Ankle fractures involving the posterior malleolus have been shown to have worse outcomes compared with ankle fractures without posterior malleolar involvement [56]. The most common age groups affected are young active patients, sustaining high energy trauma and elderly patients with comorbidities. Both these groups pose unique challenges for appropriate management of these injuries. Young patients are at risk of developing posttraumatic osteoarthritis, with a significant impact on quality of life due to pain and impaired function. Elderly patients, especially with poorly controlled diabetes and osteoporosis are at increased risk of wound complications, infection and failure of fixation. In the most severe cases, this can lead to amputation and mortality. Therefore, individualized approach to the management of AF is vital [55]. Elderly and diabetic patients are at particular risk of complications. Routine removal of metalwork is not advised in the asymptomatic patients.

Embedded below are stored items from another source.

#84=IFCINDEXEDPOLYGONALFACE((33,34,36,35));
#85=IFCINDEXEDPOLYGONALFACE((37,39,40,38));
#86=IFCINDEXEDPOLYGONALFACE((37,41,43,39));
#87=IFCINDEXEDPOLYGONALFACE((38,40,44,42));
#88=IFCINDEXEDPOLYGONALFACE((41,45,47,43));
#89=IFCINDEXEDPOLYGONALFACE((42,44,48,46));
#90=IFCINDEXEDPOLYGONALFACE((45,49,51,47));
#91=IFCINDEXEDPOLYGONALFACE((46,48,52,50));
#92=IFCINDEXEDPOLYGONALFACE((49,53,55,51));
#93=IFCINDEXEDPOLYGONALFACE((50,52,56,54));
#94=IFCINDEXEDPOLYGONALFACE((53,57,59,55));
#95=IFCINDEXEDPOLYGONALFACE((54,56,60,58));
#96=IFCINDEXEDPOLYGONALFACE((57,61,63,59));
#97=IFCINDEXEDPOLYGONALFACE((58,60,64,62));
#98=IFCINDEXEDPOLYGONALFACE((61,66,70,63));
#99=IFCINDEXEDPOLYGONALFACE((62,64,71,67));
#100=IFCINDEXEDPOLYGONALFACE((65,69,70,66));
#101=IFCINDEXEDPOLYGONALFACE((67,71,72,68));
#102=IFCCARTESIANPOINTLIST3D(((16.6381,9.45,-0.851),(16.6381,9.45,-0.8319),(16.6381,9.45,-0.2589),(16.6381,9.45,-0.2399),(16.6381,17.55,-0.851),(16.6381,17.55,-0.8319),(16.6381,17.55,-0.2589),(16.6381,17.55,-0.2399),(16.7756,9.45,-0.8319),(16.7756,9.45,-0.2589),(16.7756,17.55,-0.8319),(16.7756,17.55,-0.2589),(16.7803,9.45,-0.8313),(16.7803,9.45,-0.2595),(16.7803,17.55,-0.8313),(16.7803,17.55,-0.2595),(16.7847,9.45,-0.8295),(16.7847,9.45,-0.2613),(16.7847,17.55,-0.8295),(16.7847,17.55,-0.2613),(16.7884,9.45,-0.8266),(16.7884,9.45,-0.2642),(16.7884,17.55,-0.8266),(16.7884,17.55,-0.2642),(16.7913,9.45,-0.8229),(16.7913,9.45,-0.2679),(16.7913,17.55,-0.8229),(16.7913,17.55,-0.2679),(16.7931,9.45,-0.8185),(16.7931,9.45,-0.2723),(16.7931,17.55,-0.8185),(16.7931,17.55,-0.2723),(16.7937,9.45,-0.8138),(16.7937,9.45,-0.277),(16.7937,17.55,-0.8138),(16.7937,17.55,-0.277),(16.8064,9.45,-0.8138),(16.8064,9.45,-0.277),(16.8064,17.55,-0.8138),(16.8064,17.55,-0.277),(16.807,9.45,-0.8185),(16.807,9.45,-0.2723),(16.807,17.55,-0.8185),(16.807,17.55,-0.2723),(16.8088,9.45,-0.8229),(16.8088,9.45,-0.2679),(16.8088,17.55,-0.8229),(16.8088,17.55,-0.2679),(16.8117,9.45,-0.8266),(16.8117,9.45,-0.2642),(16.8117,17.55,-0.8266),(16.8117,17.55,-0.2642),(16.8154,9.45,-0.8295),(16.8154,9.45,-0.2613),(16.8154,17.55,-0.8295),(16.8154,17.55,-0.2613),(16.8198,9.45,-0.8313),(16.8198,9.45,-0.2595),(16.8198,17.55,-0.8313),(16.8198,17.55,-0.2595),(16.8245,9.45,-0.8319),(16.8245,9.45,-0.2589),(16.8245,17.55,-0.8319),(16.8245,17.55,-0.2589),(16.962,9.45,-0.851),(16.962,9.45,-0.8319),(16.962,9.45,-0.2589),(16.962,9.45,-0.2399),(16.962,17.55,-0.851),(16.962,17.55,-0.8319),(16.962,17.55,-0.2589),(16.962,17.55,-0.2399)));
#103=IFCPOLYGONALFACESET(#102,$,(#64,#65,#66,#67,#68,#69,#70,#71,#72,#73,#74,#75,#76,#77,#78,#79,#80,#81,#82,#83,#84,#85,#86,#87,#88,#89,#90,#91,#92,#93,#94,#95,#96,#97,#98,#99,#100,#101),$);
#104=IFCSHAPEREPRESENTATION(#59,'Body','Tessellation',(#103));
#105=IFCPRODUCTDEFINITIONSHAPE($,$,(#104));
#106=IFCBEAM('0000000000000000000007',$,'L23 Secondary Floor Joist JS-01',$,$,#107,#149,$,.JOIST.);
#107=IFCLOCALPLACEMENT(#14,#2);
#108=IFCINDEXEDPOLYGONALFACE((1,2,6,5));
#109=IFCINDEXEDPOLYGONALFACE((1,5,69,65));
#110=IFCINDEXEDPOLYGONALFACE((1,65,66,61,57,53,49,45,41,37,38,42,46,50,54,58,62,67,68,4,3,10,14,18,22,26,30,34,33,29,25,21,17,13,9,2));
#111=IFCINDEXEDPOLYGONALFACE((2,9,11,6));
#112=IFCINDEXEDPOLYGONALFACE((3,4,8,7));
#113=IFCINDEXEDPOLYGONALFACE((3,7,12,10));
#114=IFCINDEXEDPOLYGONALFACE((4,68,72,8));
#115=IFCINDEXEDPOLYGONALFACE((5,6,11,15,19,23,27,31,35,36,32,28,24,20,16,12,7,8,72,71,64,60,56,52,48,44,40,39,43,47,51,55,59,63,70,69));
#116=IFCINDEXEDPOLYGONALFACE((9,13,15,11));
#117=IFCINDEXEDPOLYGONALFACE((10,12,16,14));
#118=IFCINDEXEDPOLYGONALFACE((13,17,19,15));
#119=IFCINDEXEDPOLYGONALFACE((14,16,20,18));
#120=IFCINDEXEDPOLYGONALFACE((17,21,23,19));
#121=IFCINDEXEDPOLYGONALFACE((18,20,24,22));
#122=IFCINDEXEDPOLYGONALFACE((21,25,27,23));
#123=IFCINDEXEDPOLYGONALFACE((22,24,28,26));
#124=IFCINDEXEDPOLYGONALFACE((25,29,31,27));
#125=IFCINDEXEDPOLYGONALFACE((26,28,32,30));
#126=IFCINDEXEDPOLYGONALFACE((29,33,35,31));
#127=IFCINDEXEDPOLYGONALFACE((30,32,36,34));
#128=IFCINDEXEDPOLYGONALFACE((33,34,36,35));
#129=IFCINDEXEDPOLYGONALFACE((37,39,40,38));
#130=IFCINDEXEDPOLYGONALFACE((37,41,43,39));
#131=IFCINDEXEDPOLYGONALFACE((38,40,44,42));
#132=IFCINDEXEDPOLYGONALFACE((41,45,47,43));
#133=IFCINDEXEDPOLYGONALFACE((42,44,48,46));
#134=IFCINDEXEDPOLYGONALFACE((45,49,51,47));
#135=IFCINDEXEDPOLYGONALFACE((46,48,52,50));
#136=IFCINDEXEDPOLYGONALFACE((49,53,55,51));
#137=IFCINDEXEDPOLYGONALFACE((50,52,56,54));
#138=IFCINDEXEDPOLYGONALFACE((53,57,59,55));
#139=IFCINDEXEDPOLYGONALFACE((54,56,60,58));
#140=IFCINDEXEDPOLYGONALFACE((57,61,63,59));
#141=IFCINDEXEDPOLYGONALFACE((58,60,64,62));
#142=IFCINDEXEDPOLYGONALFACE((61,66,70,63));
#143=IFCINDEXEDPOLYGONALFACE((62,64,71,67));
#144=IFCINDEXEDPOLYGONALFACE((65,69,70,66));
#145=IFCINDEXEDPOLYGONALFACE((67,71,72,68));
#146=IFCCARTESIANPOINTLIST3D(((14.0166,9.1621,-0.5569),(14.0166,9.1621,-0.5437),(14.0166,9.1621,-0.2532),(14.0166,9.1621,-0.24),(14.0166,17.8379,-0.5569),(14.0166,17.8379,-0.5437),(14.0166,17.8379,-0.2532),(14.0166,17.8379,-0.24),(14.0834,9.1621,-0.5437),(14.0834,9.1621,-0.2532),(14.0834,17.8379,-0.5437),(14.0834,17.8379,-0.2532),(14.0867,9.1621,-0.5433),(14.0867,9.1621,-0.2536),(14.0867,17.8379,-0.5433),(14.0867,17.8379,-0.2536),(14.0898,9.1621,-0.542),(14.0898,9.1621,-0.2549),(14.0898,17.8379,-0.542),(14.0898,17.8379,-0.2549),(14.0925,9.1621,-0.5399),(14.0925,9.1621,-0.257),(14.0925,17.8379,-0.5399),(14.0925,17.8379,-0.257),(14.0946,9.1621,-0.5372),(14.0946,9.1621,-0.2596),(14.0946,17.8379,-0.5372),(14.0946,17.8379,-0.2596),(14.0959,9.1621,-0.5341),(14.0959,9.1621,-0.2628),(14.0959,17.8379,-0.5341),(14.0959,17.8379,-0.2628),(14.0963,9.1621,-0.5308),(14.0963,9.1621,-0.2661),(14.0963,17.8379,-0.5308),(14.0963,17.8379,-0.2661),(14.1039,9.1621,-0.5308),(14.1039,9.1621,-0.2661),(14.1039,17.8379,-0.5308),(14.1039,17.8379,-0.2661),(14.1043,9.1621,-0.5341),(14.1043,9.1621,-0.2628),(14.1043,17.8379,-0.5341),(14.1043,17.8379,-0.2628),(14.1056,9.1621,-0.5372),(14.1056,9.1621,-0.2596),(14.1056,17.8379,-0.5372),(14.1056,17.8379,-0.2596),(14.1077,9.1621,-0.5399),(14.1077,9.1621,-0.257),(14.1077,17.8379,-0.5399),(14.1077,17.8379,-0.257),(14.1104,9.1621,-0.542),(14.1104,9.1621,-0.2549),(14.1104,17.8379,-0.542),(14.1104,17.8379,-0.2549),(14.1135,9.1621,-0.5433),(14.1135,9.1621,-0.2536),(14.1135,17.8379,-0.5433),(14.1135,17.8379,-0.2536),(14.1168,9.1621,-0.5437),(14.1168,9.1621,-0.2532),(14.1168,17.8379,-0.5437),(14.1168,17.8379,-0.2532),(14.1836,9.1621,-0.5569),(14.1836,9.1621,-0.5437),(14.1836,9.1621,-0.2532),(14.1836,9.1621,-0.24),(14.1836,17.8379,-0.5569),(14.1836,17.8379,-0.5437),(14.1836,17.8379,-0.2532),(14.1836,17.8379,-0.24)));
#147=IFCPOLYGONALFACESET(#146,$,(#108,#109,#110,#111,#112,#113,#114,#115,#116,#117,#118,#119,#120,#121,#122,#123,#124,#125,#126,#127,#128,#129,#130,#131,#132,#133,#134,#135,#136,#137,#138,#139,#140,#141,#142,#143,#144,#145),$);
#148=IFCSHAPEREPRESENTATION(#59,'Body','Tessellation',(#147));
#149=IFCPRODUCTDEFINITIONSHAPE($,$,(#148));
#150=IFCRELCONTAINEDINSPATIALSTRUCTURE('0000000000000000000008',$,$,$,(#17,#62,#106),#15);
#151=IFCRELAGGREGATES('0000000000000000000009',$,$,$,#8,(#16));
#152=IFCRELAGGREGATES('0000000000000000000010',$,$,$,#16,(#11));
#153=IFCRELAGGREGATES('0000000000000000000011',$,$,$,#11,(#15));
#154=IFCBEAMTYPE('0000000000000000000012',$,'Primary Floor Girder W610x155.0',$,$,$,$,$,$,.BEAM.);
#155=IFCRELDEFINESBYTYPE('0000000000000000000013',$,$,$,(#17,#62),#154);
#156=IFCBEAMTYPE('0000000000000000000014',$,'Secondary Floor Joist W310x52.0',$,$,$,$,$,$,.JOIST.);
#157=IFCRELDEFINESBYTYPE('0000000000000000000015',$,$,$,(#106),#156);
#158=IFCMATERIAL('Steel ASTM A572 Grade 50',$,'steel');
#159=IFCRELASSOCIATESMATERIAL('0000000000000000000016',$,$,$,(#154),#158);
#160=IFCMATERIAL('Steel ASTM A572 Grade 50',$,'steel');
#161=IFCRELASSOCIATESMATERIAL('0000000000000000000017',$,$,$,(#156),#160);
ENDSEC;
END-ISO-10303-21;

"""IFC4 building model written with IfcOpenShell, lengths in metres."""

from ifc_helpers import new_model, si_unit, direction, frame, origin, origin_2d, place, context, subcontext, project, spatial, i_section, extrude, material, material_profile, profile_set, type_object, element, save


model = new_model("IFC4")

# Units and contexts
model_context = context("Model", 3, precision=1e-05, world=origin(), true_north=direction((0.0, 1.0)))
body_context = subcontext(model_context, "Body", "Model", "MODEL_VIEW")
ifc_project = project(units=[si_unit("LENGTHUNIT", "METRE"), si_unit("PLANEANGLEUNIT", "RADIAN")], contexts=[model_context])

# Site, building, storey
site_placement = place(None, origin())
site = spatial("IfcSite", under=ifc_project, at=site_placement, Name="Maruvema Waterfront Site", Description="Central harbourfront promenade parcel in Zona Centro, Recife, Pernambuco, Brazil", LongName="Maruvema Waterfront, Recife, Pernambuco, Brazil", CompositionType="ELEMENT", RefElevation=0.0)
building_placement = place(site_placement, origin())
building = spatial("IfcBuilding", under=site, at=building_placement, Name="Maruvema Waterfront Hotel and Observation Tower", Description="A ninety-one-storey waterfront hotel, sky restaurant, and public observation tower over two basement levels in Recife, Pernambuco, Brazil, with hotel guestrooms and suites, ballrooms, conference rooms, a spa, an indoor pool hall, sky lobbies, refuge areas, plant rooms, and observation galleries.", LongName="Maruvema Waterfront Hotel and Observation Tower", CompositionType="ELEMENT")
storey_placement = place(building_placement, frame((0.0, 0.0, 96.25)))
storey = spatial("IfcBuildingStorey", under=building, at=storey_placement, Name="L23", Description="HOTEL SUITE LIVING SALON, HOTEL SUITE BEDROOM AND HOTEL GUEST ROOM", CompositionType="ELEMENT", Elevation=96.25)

Forberger et al. found that direct exposure and reduction reduced the rate of poor clinical outcome [39]. This might be an effect of the debridement and better reduction of the fragment. The mobility evident at the final follow-up underlined the good anatomic results with only minor limitations compared to the unaffected side. While there was significantly less flexion and pronation compared to the unaffected side, the extension and supination were not significantly restricted. In their opinion the size of the posterior malleolar fragment is not the most important factor affecting outcome. More important is whether the stability of the joint surface can be restored, especially in ankle fractures with total dislocation [39].

Abdelgawad et al. performed the posterolateral approach for treatment of posterior malleolus fracture of the ankle [42]. A total of 12 consecutive patients were follow-up. No deep infection or wound dehiscence occurred. Ten patients had adequate (< 2-mm displacement of the articular surface) radiologic reduction at the final follow-up visit. There were 2 cases of 2 mm or more of articular surface displacement at the final follow-up visit.

Clinical studies have been inconclusive regarding optimum treatment of posterior malleolus fractures [7, 14, 21, 39, 42, 57-61]. While some authors have found no differences regarding clinical outcomes and ankle stability in posterior malleolus fracture with or without posterior fixation, others have found that large fragments undergoing reduction and fixation yielded better results than those without fixation. Furthermore, non anatomical reduction of posterior malleolus fractures has been shown to lead to worse outcomes than nonoperative treatment. Other studies have shown ankle fractures with involvement of the posterior malleolus lead to poorer outcomes even when the fragment is small, with worse outcomes as fragment size increases. Some studies have suggested that outcomes correlate to the extent of the injury and are not necessarily affected by the posterior malleolus fragment alone, but rather by concomitant injury to articular cartilage, ligamentous structures, talar vascularity, and the presence of osteochondral fragments [15].

In conclusion, the posterior malleolus fracture is a common injury with potentially significant morbidity associated with it. Most notably, factors include fragment size most impacted surgical indications. Newer techniques such as direct exposure and plating of the posterior malleolus are chosen more frequently than traditional techniques of indirect reduction and percutaneous screw fixation. These attributes help to minimize the occurrence of postoperative complications.